Sunday, January 17, 2010

Why have womens' networks been growing in popularity recently?

After giving the same soundbyte to two media outlets in 2 days, I figured it was worth a blog post.

In the past, we heard too often about the senior executive woman who climbed the ladder in high heels, then kicked the ladder away, letting it fall on someone else! Their philosophy was "I got here without any special help, I never had any issue being a woman, so where would be the benefit of singling out women out for special treatment". This was demotivating for up-and-coming women who saw role models of a type of female leader they didn’t want to become.

This has changed slowly but surely in the last 10 years. I am seeing a big push among senior women leaders who are passionate about mentoring to help emerging women leaders gain access to networks, role models and leadership opportunities.
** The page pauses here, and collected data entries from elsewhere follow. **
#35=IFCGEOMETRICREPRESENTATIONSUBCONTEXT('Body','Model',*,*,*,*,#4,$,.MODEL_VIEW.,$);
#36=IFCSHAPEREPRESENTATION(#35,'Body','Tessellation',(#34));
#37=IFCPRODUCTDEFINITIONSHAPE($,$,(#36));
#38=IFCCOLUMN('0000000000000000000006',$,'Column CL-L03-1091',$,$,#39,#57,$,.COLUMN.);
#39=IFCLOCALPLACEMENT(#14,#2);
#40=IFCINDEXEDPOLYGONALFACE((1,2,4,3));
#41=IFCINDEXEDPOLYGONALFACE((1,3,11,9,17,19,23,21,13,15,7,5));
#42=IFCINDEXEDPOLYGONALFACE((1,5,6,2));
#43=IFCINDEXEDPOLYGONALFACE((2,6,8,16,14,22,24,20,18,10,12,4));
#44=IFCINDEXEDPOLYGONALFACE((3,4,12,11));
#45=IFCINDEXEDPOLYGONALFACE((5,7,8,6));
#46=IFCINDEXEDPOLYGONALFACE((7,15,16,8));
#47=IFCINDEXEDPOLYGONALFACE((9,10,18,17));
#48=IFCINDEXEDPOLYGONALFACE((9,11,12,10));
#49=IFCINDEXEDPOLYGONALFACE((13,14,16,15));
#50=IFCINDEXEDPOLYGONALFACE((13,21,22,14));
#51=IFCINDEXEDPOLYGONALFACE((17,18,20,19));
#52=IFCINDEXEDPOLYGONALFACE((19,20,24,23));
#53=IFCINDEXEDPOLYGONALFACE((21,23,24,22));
In practice, this looks like senior-level women founding or sponsoring their company’s women's network, and showing up to participate as sponsors, mentors and guest speakers. They are gaining the attention of leaders at all levels as they talk up a compelling business case: that companies with more women leaders do better, and that women now make up the majority of college graduates and the early-career pipeline of leadership candidates. As a result of their influence, more companies funding their women's initiatives.

If you're not a senior exec and you want to launch a women's network at your company, don't let that stop you. There are women's networks that have been founded and funded through the efforts of volunteers at all levels. What they have in common is energy and passion to drive the initiatives, and to influence their leadership to gain legitimacy and funding.